Con una prospettiva d’analisi che va oltre una lettura di tipo giuridico-formale, l’autore entra nel vivo della materia, ponendo attenzione, nella comparazione degli ordinamenti vigenti nei diversi Paesi, alla storia recente, poiché dirompente può essere l’influenza di quest’ultima nel ridisegnare i confini nazionali e dar forma così a nuovi stati. Si pensi alla Bosnia Erzegovina, la cui entità statuale è frutto di un lavoro comune tra diverse potenze globali, culminato nell’accordo di Dayton del dicembre 1995. Oppure al Kosovo, dove fu la comunità internazionale a esigere l’elezione indiretta del capo dello Stato, “sulla base di timori per recrudescenze nazionaliste nel caso avesse finito per prevalere un’opzione opposta”.

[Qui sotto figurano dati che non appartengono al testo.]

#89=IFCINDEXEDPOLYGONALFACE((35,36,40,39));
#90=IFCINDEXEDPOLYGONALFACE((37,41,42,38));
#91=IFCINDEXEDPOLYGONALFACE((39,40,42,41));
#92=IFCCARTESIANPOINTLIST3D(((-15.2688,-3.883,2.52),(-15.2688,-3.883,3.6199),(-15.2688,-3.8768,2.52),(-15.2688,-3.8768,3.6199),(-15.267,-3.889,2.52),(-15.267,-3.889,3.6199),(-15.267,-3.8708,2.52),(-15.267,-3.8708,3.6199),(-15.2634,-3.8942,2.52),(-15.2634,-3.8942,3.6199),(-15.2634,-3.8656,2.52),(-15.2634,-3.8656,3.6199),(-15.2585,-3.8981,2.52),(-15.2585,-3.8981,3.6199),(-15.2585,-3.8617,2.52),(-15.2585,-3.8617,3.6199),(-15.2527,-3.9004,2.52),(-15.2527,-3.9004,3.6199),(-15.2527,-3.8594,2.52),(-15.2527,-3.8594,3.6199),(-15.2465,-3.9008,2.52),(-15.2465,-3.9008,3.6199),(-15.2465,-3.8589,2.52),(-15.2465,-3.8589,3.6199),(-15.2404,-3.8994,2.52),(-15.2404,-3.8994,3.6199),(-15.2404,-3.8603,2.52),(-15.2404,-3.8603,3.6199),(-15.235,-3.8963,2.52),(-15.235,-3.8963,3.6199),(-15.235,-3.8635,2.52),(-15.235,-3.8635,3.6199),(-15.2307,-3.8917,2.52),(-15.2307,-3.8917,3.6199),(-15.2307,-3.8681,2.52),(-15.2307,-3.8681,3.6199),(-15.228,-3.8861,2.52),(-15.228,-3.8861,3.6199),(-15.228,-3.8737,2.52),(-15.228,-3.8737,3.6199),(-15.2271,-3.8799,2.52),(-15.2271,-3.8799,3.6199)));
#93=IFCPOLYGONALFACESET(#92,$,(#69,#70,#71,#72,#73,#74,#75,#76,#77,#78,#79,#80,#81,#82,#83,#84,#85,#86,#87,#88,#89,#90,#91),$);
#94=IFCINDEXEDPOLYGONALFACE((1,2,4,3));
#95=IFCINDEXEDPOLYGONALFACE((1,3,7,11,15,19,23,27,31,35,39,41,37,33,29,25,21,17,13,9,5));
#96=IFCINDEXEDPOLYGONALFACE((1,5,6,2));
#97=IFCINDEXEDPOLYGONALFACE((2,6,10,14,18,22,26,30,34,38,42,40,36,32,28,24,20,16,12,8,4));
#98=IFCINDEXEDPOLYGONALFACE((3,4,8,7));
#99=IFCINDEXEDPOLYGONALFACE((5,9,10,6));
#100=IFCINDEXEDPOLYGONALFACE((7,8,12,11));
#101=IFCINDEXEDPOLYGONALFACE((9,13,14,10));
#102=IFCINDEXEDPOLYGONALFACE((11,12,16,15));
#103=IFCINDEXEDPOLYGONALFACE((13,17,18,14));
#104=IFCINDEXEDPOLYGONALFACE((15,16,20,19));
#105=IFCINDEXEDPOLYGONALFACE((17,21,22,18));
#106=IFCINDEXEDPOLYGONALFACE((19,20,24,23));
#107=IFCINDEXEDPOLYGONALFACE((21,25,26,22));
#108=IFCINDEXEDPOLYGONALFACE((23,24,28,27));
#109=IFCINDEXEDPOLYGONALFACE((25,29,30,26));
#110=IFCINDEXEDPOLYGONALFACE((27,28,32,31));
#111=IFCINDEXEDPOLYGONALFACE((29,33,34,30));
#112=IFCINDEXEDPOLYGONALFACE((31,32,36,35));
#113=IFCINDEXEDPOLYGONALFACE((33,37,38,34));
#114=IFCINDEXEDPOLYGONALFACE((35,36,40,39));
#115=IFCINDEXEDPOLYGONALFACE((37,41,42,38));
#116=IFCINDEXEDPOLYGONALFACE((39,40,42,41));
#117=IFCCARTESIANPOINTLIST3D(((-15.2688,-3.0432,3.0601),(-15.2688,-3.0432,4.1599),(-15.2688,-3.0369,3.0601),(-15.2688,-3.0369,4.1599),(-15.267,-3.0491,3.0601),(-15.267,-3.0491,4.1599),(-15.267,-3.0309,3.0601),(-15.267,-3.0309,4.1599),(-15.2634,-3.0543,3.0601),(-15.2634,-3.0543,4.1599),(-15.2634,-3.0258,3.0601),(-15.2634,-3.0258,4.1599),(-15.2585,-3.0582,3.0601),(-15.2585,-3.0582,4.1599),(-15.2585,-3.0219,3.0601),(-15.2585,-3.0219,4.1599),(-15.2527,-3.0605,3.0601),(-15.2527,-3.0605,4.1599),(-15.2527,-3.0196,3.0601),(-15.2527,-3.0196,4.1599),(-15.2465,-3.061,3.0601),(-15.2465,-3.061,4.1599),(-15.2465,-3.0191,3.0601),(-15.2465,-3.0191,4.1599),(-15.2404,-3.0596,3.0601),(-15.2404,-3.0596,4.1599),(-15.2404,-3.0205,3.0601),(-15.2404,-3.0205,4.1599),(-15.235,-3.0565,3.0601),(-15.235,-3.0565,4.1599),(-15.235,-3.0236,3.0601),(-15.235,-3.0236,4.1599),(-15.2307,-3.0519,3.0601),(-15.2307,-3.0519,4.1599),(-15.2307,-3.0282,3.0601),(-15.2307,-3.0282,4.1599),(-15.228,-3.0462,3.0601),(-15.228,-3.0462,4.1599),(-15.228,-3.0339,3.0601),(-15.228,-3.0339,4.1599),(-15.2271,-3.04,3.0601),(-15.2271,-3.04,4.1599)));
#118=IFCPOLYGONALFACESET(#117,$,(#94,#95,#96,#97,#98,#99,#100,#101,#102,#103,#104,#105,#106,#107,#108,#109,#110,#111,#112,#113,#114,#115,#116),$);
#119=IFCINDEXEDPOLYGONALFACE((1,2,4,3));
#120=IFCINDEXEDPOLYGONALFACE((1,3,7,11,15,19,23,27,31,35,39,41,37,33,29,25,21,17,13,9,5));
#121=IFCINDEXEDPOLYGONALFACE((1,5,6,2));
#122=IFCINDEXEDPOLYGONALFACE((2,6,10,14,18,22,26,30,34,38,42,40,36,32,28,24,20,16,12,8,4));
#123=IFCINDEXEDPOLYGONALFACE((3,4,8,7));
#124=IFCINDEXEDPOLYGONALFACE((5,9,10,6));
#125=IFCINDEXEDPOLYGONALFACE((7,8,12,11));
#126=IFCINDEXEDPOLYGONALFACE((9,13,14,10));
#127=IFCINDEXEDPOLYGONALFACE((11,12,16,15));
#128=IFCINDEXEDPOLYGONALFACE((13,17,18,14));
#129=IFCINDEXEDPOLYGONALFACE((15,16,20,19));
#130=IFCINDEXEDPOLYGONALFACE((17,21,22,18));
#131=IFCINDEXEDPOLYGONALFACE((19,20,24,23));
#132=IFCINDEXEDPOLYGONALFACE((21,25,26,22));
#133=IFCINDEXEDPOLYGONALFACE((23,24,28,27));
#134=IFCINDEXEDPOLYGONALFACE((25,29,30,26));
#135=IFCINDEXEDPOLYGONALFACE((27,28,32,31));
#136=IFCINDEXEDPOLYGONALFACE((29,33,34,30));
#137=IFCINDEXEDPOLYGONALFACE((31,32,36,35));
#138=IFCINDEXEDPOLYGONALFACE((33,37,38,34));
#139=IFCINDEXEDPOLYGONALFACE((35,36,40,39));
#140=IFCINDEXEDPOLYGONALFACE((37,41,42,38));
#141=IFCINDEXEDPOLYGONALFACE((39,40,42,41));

Il libro solleva alcuni aspetti disfunzionali dei vari ordinamenti, il cui rischio è la creazione di una situazione d’immobilismo o di stallo decisionale. Questo ha luogo soprattutto quando si verificano casi di “cohabitation” (la maggioranza parlamentare e il Capo dello Stato in carica appartengono a schieramenti opposti). In Polonia il capo dello Stato, eletto direttamente dal popolo, ha un certo peso nella formazione delle leggi. Egli può usare lo strumento del rinvio delle leggi al Sejm (Camera bassa del Parlamento) o porre il veto a una riforma di legge del governo. Può accadere che il vertice dello Stato, a causa di una sfasatura temporale dovuta a una diversa durata dei mandati presidenziali e parlamentari, si trovi a far parte di un campo politico avverso a quello del governo, che è l’espressione della maggioranza parlamentare. E poiché il superamento del veto al Sejm è possibile solo con il raggiungimento di maggioranze politiche superiori ai tre quinti (difficilmente conseguibili), è evidente che il capo dello Stato dispone in questo Paese di uno strumento potente di vanificazione dell’indirizzo politico di maggioranza. Si trasforma, in questo modo, in un leader dell’opposizione più che in un rappresentante dell’unità nazionale soprattutto, poi, se legittimato in ciò dalla sua elezione diretta. Di più. Nel 2007, il defunto Presidente della Repubblica, Lech Kaczyński (PiS), aveva preteso di partecipare ad alcuni vertici della UE. Il governo, allora presieduto da Donald Tusk di Piattaforma Civica (Po), che non desiderava interferenze presidenziali nella politica europea da esso perseguita, si rivolse per dirimere la diatriba al Tribunale costituzionale, che nel rispetto del dettato costituzionale sottolineò la competenza in via esclusiva del governo in materia di politica interna ed estera (compresa la stessa politica europea).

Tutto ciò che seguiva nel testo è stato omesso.